TEMPO.CO, Jakarta - Dewan Perwakilan Rakyat menetapkan revisi Undang-Undang Nomor 30 Tahun 2002 tentang Komisi Pemberantasan Korupsi masuk prioritas Program Legislasi Nasional 2016. Wakil Ketua KPK Laode Muhammad Syarief menganggap undang-undang tersebut belum perlu direvisi.
"Kami melihat bahwa Undang-Undang KPK sekarang masih memadai untuk menunjang kinerja KPK," kata Laode melalui pesan pendek, Selasa, 26 Januari 2016.
Ada empat poin revisi yang diusulkan pemerintah. Pertama, penyadapan harus sesuai ketentuan Mahkamah Konstitusi. Kedua, KPK diberi kewenangan untuk menerbitkan surat perintah penghentian penyidikan (SP3) jika tersangka/terdakwa meninggal.
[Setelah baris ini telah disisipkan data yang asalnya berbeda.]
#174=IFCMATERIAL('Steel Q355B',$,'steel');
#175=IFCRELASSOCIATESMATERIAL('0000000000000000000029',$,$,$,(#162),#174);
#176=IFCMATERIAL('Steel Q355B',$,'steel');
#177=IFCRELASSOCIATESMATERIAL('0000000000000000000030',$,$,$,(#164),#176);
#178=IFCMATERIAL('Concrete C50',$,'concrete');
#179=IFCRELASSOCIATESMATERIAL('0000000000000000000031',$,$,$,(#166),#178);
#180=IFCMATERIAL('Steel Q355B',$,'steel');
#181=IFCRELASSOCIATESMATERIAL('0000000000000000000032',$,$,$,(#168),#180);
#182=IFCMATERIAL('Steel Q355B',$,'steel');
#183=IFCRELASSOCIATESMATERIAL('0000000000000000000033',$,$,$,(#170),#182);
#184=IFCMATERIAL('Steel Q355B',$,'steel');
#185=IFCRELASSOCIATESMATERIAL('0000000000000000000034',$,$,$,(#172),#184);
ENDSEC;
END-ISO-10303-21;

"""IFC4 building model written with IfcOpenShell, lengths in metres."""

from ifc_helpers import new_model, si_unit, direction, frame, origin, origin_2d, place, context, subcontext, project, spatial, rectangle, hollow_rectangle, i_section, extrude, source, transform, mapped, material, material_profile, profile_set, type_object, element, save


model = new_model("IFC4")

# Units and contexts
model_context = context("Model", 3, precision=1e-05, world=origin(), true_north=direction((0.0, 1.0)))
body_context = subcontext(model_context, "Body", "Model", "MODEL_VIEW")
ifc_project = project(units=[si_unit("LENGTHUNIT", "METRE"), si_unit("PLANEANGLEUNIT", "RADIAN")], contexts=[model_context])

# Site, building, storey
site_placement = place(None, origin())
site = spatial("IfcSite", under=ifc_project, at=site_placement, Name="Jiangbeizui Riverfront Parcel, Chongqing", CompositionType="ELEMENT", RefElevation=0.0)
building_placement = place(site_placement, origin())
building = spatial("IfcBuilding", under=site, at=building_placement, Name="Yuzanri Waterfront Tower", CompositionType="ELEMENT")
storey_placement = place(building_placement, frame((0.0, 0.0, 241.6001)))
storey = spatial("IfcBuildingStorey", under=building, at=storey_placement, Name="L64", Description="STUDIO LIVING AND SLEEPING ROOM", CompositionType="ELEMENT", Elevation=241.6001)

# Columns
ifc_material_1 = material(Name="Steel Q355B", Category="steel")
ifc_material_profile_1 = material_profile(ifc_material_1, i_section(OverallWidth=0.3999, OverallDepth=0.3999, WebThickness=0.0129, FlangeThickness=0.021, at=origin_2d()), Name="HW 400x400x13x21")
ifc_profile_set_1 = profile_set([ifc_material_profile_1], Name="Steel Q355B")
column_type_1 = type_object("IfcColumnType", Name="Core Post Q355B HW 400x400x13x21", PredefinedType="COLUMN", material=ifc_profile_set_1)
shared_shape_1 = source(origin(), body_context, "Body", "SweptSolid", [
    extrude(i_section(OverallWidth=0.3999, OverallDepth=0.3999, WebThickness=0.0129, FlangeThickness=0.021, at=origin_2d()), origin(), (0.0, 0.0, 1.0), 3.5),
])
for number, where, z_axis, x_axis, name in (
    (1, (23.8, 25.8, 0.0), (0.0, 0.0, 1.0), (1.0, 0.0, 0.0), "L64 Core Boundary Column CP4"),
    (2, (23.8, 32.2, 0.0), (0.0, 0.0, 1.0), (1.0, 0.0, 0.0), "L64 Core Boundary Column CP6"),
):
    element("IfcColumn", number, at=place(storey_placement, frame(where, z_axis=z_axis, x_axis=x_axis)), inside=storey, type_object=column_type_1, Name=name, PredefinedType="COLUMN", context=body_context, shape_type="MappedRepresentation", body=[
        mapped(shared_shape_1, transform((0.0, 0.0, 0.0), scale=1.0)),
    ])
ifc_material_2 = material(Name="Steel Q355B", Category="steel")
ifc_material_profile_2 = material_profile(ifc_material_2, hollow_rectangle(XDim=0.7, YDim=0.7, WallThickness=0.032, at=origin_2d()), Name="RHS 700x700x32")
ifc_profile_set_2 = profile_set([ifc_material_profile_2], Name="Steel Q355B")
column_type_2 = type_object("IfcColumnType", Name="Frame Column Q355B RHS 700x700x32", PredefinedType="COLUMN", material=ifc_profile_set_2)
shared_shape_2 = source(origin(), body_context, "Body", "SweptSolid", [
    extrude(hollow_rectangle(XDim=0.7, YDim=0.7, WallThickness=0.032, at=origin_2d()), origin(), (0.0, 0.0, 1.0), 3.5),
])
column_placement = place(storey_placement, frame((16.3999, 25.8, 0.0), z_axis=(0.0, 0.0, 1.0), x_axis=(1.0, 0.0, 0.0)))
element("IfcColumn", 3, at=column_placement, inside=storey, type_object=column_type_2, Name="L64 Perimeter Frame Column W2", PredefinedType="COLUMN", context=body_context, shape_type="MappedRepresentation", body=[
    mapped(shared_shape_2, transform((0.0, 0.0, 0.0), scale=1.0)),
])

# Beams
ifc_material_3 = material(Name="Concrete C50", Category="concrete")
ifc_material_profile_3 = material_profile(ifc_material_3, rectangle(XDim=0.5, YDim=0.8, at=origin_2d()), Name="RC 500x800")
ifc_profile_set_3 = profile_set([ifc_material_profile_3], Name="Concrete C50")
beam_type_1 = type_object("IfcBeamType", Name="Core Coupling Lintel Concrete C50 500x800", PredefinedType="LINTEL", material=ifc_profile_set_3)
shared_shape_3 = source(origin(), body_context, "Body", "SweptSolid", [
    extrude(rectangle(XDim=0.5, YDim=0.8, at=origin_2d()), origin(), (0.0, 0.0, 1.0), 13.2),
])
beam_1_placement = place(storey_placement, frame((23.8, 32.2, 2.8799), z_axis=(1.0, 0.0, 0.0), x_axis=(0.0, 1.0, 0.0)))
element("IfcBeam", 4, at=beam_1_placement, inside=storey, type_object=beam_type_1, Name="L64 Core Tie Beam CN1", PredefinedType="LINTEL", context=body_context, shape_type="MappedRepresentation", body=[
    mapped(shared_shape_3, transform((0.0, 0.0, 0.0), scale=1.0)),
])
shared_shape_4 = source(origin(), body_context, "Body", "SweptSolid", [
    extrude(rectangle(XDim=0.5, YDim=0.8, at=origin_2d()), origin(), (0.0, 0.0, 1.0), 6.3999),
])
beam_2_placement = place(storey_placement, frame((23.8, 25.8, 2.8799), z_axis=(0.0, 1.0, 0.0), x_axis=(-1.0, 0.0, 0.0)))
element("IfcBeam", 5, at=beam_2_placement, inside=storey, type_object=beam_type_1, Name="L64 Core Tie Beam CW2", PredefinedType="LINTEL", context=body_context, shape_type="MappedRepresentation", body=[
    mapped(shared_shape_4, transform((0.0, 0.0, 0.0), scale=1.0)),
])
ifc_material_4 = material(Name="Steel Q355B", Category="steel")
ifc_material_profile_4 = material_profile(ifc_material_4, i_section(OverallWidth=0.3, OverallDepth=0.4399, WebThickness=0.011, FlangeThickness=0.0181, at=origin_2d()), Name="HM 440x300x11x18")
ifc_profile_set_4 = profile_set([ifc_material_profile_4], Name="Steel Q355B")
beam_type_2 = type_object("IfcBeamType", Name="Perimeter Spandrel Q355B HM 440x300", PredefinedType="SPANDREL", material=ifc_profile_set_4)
Ketiga, KPK diberi kewenangan mengangkat penyidik independen. Terakhir, pembentukan Dewan Pengawas KPK.
Baca: RUU Tax Amnesty dan RUU KPK Tetap Masuk Prolegnas 2016
Menurut Syarief, empat poin yang bakal menjadi bahasan utama itu sedang dipelajari pimpinan periode sekarang. Sebelumnya, pemerintah mengklaim empat poin revisi itu merupakan usulan dari Pimpinan KPK yang diketuai Taufiequrachman Ruki. "Tapi KPK tidak mau ada pelemahan KPK," ujar Syarief.
Sejak awal, kata Syarief, KPK menginginkan tidak perlu izin soal penyadapan. Ihwal Dewan Pengawas, pimpinan periode saat ini juga menolaknya. "Kecuali hanya mengawasi etik. Tapi sebenarnya tidak perlu karena sudah ada penasihat sekarang yang segera kami rekrut," ujar mantan akademikus Universitas Hasanuddin itu.
Baca Juga: Prolegnas 2016 Diketuk DPR, Gerindra Tolak Revisi UU KPK
Terkait dengan kewenangan SP3, Syarief menganggap tidak baik untuk KPK. Dia khawatir KPK ke depan disalahgunakan. "Takutnya KPK ke depan tidak hati-hati dan punya potensi disalahgunakan sebagaimana terjadi di penegak hukum lain."